Excuse me, but in your sample code above, when removing the // comments, then the {}'s do not match.

Raf, I am not a user of concurrent hash map, can you comment on my code suggestion below?

#if 0
// original code
THASH_PUBLISH_MEM_INFO::accessor acc;
if (testhash.insert(acc,kay_value))
{
  if (testhash.insert(acc,loop)) {
  acc->second = info; // ?? where is close }
}
acc.release();
#else
// Raf, is this correct?
THASH_PUBLISH_MEM_INFO::accessor acc;
if (testhash.insert(acc,kay_value))
{
  ... (optional do something via acc)
  acc.release(); // done with pair
  // now insert another
  if (testhash.insert(acc,loop)) {
    // do something with pair
    acc->second = info; 
    acc.release(); // done with pair
  }
}
#endif

In the original code, assuming there were a typo and the matching } were correctly present in the code, then the original code had a flaw where the accessor to the first insert, not going out of scope, but being re-used on the second insert. What I do not know, is if the reuse of an accessor that currently holds a lock, implicitly unlocks the lock. If the answer is no, then in the original code, the first pair, which is locked, remains locked, and thus the hash table cannot be returned.

Jim Dempsey

0 Kudos
RafSchietekat
Valued Contributor III
1,539 Views

Regarding #3, to be clear, my understanding was that "see the memory return[ed] to system" (or its equivalent before) is/was an interpretation of seeing a lower memory use than without commenting out the insert() instruction across build&test uses, and not actually first seeing significant memory consumption and then seeing it decrease during one build&test. Hence my conclusion that, without the insert(), TBB doesn't actually allocate anything. Was this correct?

But then I don't see what "new the memory again" means, because I don't see such an outer loop in the code example.

I also don't know what "stack limits" have to do with not trying a higher element count.

Regarding #4, it's safe to reuse an accessor (with properly balanced operations), just like it's safe to reuse a scoped_lock (with properly balanced acquire() and release()).
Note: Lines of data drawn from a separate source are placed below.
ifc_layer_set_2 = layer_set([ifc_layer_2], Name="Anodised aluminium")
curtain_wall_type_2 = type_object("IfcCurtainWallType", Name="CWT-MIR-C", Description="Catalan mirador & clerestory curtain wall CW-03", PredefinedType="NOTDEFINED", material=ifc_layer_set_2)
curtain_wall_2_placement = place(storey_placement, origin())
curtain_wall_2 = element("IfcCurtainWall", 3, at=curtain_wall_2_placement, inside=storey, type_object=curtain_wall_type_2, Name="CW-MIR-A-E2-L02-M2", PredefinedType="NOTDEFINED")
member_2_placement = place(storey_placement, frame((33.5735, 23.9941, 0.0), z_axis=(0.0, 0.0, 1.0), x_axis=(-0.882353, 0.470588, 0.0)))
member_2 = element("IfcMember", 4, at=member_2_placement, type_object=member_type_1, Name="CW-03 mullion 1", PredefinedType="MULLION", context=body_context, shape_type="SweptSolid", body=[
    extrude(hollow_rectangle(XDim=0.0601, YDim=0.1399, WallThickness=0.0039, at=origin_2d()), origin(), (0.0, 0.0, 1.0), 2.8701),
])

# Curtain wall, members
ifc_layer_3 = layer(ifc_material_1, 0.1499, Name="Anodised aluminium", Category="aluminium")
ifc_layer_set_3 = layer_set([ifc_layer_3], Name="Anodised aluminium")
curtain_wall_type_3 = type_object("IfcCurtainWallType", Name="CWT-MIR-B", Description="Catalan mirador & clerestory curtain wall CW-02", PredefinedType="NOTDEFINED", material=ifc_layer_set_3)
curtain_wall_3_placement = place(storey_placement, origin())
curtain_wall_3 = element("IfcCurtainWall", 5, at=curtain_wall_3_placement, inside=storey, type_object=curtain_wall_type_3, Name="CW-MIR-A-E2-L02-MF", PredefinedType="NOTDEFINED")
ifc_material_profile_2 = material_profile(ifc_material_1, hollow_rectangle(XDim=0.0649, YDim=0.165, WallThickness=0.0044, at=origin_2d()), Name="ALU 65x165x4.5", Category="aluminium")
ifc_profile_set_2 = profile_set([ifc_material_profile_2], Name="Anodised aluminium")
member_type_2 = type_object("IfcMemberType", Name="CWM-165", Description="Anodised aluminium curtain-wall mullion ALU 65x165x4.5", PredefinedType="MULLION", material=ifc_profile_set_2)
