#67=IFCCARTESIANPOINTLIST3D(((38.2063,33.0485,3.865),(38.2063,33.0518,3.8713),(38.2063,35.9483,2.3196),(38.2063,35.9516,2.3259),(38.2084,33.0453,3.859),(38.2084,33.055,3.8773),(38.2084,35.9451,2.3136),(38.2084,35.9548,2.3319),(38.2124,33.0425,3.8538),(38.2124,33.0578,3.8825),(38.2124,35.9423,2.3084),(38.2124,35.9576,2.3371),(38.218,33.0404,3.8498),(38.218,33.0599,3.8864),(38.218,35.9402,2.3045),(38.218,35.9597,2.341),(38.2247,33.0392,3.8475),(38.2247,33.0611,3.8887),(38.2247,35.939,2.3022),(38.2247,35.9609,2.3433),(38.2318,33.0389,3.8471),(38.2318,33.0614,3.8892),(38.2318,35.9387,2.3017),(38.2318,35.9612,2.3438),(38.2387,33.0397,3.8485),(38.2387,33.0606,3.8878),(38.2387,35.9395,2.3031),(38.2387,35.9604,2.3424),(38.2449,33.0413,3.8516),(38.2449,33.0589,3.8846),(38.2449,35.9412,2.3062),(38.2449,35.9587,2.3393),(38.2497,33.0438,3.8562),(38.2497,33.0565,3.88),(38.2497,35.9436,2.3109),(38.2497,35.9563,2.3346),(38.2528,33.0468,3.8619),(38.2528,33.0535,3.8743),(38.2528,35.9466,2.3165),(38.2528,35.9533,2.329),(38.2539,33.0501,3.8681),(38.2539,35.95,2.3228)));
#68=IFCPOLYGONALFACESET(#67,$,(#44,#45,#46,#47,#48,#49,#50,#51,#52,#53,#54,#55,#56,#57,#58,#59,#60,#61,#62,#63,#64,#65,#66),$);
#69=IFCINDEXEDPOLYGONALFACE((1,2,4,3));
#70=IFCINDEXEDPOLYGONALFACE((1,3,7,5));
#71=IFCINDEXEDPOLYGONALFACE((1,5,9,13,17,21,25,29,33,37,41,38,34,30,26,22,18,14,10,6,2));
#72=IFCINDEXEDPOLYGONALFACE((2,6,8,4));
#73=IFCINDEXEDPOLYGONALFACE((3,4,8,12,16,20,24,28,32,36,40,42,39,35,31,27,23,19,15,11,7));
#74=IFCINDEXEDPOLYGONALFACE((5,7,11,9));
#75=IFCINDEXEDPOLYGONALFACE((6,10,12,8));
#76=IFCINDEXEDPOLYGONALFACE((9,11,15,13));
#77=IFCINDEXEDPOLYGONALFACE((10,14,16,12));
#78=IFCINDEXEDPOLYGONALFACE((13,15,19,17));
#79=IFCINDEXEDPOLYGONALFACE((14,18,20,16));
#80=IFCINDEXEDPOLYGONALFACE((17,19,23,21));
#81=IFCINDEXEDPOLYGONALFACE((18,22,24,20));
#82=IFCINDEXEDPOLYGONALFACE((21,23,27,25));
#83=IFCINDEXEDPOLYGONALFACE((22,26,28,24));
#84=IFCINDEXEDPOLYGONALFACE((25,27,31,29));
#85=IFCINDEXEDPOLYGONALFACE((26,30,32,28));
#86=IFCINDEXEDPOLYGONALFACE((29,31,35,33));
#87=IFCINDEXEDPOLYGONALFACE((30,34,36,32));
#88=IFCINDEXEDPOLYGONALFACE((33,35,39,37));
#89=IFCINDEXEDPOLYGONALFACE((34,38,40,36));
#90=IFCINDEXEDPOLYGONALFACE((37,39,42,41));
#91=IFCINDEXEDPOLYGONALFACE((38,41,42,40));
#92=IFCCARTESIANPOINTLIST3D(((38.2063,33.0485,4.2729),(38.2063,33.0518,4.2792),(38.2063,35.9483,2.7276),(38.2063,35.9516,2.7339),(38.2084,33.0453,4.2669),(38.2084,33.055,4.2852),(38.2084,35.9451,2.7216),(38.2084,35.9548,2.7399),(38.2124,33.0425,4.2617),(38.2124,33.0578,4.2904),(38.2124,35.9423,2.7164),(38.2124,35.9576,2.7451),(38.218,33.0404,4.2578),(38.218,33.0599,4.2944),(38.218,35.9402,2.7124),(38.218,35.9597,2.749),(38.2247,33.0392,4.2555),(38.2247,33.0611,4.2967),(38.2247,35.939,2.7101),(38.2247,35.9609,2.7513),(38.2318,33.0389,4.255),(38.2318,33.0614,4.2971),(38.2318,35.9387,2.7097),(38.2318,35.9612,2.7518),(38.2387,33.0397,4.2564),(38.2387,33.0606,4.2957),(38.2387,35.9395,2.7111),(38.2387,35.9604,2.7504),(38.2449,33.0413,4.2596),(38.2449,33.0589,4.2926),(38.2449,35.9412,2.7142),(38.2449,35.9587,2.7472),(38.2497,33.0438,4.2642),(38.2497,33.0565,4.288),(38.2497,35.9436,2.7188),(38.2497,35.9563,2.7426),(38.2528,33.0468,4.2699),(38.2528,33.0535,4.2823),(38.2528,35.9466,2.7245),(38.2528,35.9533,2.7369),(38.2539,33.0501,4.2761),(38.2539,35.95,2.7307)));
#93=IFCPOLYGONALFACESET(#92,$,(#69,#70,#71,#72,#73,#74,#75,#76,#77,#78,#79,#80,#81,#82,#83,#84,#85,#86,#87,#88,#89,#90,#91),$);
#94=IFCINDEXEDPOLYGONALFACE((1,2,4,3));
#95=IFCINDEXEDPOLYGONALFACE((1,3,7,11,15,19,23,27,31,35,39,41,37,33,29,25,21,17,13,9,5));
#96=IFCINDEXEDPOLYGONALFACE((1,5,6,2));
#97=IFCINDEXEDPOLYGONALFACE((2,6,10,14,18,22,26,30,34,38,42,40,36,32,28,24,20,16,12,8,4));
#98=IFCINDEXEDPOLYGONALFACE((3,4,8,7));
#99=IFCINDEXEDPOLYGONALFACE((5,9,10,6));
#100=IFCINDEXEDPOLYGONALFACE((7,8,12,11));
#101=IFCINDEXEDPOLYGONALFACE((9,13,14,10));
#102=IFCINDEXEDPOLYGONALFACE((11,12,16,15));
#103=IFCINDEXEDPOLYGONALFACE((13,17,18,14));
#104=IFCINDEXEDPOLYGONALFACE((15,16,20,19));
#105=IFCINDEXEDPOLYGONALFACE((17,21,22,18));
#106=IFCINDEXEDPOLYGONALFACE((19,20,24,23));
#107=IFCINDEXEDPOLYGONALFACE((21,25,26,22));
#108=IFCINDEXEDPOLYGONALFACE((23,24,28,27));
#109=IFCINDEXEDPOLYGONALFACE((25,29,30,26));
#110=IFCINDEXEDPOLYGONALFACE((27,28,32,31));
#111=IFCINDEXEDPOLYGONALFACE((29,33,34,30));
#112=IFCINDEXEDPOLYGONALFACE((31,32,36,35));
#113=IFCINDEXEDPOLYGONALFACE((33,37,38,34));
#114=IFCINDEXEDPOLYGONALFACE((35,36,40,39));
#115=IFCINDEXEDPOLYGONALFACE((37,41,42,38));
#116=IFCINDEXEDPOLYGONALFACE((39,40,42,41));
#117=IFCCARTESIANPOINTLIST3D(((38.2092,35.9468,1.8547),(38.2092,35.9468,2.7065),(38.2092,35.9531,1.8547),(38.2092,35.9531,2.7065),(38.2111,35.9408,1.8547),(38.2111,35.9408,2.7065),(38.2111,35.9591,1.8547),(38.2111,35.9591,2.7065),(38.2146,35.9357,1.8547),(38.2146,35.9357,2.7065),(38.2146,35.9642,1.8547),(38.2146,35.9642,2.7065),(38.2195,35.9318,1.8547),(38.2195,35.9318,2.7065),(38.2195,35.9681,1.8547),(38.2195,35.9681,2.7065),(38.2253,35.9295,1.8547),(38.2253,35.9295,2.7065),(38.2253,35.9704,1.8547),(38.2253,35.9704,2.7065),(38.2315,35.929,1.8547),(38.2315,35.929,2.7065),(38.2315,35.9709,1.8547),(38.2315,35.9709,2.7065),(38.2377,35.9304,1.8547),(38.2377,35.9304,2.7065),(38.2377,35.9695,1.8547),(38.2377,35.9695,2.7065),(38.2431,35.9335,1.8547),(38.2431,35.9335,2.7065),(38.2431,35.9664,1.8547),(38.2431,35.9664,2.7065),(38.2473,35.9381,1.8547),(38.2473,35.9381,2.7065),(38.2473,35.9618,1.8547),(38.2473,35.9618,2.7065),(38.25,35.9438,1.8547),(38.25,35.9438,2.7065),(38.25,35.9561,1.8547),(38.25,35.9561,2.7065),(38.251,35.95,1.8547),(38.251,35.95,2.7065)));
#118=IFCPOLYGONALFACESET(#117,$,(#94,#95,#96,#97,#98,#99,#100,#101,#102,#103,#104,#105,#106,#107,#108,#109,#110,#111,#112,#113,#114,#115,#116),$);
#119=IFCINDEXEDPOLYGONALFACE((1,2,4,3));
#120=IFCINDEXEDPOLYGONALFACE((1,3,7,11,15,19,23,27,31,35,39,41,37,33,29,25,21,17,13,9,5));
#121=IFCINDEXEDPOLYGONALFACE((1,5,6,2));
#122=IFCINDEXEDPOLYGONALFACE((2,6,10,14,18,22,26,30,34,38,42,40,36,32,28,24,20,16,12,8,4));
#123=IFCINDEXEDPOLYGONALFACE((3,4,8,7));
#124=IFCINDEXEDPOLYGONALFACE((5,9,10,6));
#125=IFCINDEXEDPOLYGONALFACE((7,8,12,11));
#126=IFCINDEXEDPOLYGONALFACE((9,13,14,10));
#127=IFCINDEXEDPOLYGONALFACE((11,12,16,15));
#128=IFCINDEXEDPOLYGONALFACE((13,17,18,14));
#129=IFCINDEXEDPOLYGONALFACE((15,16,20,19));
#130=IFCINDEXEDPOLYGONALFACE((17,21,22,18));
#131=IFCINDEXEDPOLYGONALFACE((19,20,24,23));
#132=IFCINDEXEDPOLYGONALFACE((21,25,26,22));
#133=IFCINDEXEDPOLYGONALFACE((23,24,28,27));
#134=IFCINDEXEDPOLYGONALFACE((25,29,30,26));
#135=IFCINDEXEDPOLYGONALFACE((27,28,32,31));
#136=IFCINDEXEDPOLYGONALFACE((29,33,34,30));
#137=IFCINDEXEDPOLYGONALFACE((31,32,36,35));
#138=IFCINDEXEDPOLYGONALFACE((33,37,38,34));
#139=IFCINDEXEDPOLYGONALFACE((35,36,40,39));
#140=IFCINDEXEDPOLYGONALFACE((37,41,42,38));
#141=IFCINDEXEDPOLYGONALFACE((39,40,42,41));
I don't see any accessor being reused without a release() (sometimes there's even a redundant release() before the end of the accessor's lifetime, which isn't a problem)? I don't know off the top of my head what would happen without an intervening release() (mishap, exception, or an attempt to do something sensible), but it doesn't seem to matter here (unless I overlooked something?).

0 Kudos
wei6rong
Beginner
1,539 Views

hi Raf,

sorry for my not clearly explain, i would describe my test steps as following

code is (please be noted we only doing hash insert once only)

int indexcount = 1000000;
int main() {
	THASH_PUBLISH_MEM_INFO testhash;
	ST_PUBLISH_MEM_TRFINFO info;

	char * arr[1000000];
	std::pair<int, ST_PUBLISH_MEM_TRFINFO> kay_value;
	kay_value.second = info;

	for(int loop =0; loop < indexcount;loop++) {
		assert(NULL !=(arr[loop] = new char[1024]));
	}

	for(int loop=0;loop<1;loop++) {
		{
			kay_value.first = loop;
			THASH_PUBLISH_MEM_INFO::accessor acc;
			if (testhash.insert(acc,kay_value))
			{
//              do nothing
			}
		}
	}

	sleep(0.1);
	for(int loop =0; loop < indexcount;loop++){
		delete [] (arr[loop]);
	}

	sleep(0.2);
	for(int loop =0; loop < indexcount;loop++) {
		assert(NULL !=(arr[loop] = new char[1024]));
	}

	sleep(0.3);
	for(int loop =0; loop < indexcount;loop++){
		delete [] (arr[loop]);
	}

  	sleep(0.4);

  	return 1;
}

 

if we comment the line of

if (testhash.insert(acc,kay_value))

debug stop at each sleep line and the free -m command output is

[root@devserver ~]# free -m
                       total       used       free     shared    buffers     cached
Mem:         15831       5907       9924          0        488        545
-/+ buffers/cache:       4873      10958
Swap:         9935       4004       5931
[root@devserver ~]#
[root@devserver ~]# free -m
                       total       used       free     shared    buffers     cached
Mem:         15831       4914      10917          0        488        545
-/+ buffers/cache:       3880      11951
Swap:         9935       4004       5931
[root@devserver ~]#
[root@devserver ~]# free -m
                       total       used       free     shared    buffers     cached
Mem:         15831       5908       9923          0        488        545
-/+ buffers/cache:       4874      10957
Swap:         9935       4004       5931
[root@devserver ~]# free -m
                       total       used       free     shared    buffers     cached
Mem:         15831       4914      10917          0        488        545
-/+ buffers/cache:       3880      11951
Swap:         9935       4004       5931

we can see the free memory change from 9924->10917->9923->10917 and behavior as we expected.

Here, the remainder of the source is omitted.